According to a statement released by the U.S. Department of Justice, Jose Goyos, of West Palm Beach, along with co-conspirators, made telemarketing calls to the primary care physicians of Medicare beneficiaries to get the providers to order medically unnecessary tests based on falsified paperwork.

In some of the calls, Goyos and his employees misrepresented themselves as providers and claimed that the Medicare beneficiaries were mutual patients who had genetic conditions that justified the testing.

After receiving the doctors’ authorizations, Goyos and associates submitted claims to Medicare for the tests.
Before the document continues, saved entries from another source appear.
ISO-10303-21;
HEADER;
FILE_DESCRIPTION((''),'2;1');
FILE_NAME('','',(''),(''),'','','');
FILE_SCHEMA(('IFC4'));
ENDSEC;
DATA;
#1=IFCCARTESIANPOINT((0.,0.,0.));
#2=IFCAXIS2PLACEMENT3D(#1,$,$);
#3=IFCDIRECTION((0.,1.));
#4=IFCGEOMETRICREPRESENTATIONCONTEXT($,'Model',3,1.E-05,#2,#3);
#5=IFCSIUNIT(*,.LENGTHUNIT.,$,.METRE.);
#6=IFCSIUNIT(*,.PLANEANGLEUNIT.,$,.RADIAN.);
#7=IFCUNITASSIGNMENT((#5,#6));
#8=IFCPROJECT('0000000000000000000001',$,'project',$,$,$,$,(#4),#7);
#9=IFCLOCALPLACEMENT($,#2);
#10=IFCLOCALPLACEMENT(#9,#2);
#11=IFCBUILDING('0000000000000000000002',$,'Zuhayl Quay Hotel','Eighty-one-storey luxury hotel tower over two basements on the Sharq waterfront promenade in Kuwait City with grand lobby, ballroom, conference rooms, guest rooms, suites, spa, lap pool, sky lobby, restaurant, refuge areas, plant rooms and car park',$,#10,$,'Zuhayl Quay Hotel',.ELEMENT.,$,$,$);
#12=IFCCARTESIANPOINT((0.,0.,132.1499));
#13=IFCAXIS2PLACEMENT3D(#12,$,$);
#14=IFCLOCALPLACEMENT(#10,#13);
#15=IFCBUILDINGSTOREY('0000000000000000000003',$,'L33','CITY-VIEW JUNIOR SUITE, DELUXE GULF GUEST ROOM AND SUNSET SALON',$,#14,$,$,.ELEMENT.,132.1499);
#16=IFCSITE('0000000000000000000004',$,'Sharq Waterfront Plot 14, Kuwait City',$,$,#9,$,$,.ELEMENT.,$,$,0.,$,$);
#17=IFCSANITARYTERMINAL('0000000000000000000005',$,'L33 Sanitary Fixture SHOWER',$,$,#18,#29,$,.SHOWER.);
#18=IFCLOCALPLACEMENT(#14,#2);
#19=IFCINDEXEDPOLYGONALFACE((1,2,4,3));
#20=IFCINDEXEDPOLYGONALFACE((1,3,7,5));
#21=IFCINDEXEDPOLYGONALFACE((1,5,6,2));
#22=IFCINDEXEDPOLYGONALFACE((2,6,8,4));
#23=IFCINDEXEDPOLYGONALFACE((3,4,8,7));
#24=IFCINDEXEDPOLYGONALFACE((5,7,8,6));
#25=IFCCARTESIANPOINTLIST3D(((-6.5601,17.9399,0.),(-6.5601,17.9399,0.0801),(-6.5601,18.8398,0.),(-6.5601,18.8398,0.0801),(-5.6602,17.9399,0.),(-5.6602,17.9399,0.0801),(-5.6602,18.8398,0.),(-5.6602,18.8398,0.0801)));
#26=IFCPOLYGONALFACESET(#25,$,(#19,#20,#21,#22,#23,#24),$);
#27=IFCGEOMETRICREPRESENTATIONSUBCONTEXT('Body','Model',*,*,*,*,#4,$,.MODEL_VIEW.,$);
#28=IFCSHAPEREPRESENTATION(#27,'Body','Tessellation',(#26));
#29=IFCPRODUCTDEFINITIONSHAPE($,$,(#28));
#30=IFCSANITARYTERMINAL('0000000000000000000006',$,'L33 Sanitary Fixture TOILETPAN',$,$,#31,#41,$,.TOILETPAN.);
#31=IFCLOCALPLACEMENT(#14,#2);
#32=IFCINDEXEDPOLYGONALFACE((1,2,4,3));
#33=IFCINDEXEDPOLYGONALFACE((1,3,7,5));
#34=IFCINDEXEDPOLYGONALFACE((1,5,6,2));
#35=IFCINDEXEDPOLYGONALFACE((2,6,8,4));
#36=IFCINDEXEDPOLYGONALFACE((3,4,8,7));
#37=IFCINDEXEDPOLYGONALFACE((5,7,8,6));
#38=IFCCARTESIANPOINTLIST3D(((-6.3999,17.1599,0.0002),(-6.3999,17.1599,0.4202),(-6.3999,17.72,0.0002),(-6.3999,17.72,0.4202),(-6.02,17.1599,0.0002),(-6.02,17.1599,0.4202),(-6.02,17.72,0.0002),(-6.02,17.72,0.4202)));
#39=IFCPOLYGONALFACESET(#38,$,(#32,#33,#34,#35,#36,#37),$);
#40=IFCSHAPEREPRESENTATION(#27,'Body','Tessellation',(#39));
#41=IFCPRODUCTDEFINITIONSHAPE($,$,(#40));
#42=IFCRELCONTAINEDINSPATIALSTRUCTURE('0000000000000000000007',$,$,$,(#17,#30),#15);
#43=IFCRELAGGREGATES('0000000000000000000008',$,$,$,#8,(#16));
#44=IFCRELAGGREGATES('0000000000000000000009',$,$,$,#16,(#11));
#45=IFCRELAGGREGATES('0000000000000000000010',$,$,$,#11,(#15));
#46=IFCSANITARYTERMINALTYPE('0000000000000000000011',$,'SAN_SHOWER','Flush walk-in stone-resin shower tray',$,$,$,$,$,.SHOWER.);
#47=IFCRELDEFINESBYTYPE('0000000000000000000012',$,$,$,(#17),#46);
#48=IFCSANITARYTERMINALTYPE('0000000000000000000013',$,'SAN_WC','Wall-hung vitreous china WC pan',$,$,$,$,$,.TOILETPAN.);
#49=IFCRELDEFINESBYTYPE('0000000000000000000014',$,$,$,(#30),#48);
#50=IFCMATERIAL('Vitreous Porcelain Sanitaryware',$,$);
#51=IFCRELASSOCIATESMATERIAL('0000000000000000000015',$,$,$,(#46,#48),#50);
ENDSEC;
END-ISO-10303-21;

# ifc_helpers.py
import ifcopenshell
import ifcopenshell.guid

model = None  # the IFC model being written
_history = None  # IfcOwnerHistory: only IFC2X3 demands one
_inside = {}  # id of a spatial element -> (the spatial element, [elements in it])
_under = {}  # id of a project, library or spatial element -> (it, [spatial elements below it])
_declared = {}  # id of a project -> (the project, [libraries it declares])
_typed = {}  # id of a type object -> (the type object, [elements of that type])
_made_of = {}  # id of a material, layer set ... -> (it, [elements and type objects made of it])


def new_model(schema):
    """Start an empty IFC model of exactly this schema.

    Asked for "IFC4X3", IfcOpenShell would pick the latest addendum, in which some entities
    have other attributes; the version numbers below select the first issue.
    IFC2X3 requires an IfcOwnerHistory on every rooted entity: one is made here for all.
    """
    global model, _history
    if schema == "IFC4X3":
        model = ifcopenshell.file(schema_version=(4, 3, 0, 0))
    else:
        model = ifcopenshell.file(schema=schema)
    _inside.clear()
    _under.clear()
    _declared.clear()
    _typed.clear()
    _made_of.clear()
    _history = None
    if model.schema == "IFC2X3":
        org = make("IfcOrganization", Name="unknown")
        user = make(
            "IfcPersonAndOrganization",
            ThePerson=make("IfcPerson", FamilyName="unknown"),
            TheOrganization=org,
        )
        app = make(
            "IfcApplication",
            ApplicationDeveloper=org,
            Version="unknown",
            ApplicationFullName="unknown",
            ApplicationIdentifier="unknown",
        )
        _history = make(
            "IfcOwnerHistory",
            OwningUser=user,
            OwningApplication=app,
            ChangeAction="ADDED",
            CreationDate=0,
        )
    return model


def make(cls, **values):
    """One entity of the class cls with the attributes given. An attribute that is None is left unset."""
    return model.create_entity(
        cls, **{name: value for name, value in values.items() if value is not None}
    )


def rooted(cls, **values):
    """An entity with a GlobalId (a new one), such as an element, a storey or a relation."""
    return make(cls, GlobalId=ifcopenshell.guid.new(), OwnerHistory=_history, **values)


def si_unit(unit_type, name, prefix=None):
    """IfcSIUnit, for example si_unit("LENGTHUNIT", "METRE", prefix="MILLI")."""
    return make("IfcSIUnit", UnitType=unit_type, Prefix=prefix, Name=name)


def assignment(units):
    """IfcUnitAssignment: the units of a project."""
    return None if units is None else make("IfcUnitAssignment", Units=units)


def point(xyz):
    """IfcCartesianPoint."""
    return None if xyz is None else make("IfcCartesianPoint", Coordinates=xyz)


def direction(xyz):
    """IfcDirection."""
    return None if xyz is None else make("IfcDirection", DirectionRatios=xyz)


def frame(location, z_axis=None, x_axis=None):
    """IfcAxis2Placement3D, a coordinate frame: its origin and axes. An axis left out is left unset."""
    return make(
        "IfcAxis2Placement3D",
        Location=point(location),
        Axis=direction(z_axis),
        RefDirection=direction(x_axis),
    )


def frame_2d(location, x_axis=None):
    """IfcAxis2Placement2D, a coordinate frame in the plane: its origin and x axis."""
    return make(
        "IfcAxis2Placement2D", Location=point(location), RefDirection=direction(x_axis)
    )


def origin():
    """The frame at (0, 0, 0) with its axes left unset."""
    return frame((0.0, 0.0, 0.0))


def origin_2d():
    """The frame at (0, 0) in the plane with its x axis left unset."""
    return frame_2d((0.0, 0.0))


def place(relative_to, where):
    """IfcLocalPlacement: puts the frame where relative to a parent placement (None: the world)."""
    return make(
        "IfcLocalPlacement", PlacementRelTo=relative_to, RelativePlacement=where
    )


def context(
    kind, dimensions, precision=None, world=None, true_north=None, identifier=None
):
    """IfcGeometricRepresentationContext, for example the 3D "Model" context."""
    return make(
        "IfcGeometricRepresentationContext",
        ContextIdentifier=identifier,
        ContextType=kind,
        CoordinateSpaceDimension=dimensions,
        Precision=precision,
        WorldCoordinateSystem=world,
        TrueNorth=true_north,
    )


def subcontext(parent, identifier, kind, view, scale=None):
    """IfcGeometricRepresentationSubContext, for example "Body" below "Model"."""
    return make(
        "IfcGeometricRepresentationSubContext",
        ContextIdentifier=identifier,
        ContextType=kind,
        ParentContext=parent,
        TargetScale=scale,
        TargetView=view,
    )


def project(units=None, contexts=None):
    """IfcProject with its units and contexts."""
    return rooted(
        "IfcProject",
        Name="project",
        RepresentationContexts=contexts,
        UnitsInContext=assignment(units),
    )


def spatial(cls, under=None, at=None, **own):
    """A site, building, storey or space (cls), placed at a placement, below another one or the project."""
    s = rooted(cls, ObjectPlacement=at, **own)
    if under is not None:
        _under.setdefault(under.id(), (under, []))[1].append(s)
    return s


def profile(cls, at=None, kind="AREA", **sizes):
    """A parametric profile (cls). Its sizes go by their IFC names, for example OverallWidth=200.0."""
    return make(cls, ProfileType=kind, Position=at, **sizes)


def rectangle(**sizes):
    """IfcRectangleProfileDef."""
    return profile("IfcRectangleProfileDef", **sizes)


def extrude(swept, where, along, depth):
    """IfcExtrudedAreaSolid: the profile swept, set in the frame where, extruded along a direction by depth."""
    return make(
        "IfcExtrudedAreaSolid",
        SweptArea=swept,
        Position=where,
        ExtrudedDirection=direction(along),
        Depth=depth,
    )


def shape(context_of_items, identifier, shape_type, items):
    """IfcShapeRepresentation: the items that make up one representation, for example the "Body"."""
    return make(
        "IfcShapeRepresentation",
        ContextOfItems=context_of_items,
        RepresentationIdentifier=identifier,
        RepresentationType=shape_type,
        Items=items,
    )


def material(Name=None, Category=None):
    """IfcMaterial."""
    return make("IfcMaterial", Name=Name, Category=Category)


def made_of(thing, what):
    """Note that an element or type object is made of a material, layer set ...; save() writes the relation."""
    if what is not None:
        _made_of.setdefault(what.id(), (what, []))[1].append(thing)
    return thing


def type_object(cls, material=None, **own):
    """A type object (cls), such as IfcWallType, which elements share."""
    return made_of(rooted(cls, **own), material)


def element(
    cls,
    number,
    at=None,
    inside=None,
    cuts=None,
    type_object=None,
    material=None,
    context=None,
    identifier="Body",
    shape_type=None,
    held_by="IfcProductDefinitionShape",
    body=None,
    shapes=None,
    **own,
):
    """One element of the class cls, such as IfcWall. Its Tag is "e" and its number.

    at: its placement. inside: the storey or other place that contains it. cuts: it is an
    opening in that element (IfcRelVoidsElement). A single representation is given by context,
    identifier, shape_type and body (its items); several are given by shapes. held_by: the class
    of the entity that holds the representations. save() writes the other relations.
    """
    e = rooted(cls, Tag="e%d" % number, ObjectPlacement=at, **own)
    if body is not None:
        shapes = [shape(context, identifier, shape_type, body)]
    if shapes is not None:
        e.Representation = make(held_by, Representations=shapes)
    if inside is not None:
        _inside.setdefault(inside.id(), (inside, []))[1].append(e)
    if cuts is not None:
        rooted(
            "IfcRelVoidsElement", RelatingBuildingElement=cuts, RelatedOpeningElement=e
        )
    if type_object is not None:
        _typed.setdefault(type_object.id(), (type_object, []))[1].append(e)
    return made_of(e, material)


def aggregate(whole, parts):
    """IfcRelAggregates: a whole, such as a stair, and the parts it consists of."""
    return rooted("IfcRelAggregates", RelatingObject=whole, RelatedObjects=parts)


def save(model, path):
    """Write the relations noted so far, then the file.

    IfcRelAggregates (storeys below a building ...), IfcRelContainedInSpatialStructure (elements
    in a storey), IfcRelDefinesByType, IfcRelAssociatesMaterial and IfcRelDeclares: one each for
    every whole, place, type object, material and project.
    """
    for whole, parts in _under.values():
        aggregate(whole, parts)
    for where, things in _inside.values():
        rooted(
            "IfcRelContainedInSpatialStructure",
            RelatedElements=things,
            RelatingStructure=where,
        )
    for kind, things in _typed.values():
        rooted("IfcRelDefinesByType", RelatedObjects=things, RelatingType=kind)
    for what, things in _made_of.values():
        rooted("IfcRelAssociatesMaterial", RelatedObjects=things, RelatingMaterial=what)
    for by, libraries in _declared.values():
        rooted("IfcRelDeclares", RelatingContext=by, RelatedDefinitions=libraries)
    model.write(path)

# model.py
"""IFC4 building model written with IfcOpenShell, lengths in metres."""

from ifc_helpers import new_model, si_unit, direction, frame, origin, origin_2d, place, context, subcontext, project, spatial, rectangle, extrude, material, type_object, element, save


model = new_model("IFC4")

# Units and contexts
model_context = context("Model", 3, precision=1e-05, world=origin(), true_north=direction((0.0, 1.0)))
body_context = subcontext(model_context, "Body", "Model", "MODEL_VIEW")
ifc_project = project(units=[si_unit("LENGTHUNIT", "METRE"), si_unit("PLANEANGLEUNIT", "RADIAN")], contexts=[model_context])

# Site, building, storey
site_placement = place(None, origin())
site = spatial("IfcSite", under=ifc_project, at=site_placement, Name="Sharq Waterfront Plot 14, Kuwait City", CompositionType="ELEMENT", RefElevation=0.0)
building_placement = place(site_placement, origin())
building = spatial("IfcBuilding", under=site, at=building_placement, Name="Zuhayl Quay Hotel", Description="Eighty-one-storey luxury hotel tower over two basements on the Sharq waterfront promenade in Kuwait City with grand lobby, ballroom, conference rooms, guest rooms, suites, spa, lap pool, sky lobby, restaurant, refuge areas, plant rooms and car park", LongName="Zuhayl Quay Hotel", CompositionType="ELEMENT")
storey_placement = place(building_placement, frame((0.0, 0.0, 132.1499)))
storey = spatial("IfcBuildingStorey", under=building, at=storey_placement, Name="L33", Description="CITY-VIEW JUNIOR SUITE, DELUXE GULF GUEST ROOM AND SUNSET SALON", CompositionType="ELEMENT", Elevation=132.1499)

# Sanitary terminals
ifc_material_1 = material(Name="Vitreous Porcelain Sanitaryware")
sanitary_terminal_type_1 = type_object("IfcSanitaryTerminalType", Name="SAN_SHOWER", Description="Flush walk-in stone-resin shower tray", PredefinedType="SHOWER", material=ifc_material_1)
sanitary_terminal_1_placement = place(storey_placement, frame((-6.1101, 18.3899, 0.0), z_axis=(0.0, 0.0, 1.0), x_axis=(1.0, 0.0, 0.0)))
element("IfcSanitaryTerminal", 1, at=sanitary_terminal_1_placement, inside=storey, type_object=sanitary_terminal_type_1, Name="L33 Sanitary Fixture SHOWER", PredefinedType="SHOWER", context=body_context, shape_type="SweptSolid", body=[
    extrude(rectangle(XDim=0.8999, YDim=0.8999, at=origin_2d()), origin(), (0.0, 0.0, 1.0), 0.0801),
])
sanitary_terminal_type_2 = type_object("IfcSanitaryTerminalType", Name="SAN_WC", Description="Wall-hung vitreous china WC pan", PredefinedType="TOILETPAN", material=ifc_material_1)
sanitary_terminal_2_placement = place(storey_placement, frame((-6.21, 17.4399, 0.0002), z_axis=(0.0, 0.0, 1.0), x_axis=(1.0, 0.0, 0.0)))
element("IfcSanitaryTerminal", 2, at=sanitary_terminal_2_placement, inside=storey, type_object=sanitary_terminal_type_2, Name="L33 Sanitary Fixture TOILETPAN", PredefinedType="TOILETPAN", context=body_context, shape_type="SweptSolid", body=[
    extrude(rectangle(XDim=0.3799, YDim=0.5601, at=origin_2d()), origin(), (0.0, 0.0, 1.0), 0.4199),
])

save(model, "model.ifc")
The labs they claimed to use on the paperwork were shell companies; the fraud ring had the tests performed at other labs at a fraction of the prices they charged to Medicare. The test results were often not sent to the Medicare beneficiaries’ primary care physicians and were not used in the patients’ care.

Between June 2020 and July 2021, Goyos and his co-conspirators submitted over $67 million in fraudulent claims to Medicare, of which Medicare paid over $52 million.

The jury convicted Goyos of conspiracy to commit wire fraud and conspiracy to commit money laundering; he is scheduled to be sentenced on December 21.

Thus far, 20 other defendants have pleaded guilty to various charges; this includes the three people who led the scheme (Daniel M. Carver, Thomas Dougherty, and John Paul Gosney Jr.), who are also scheduled to be sentenced in December.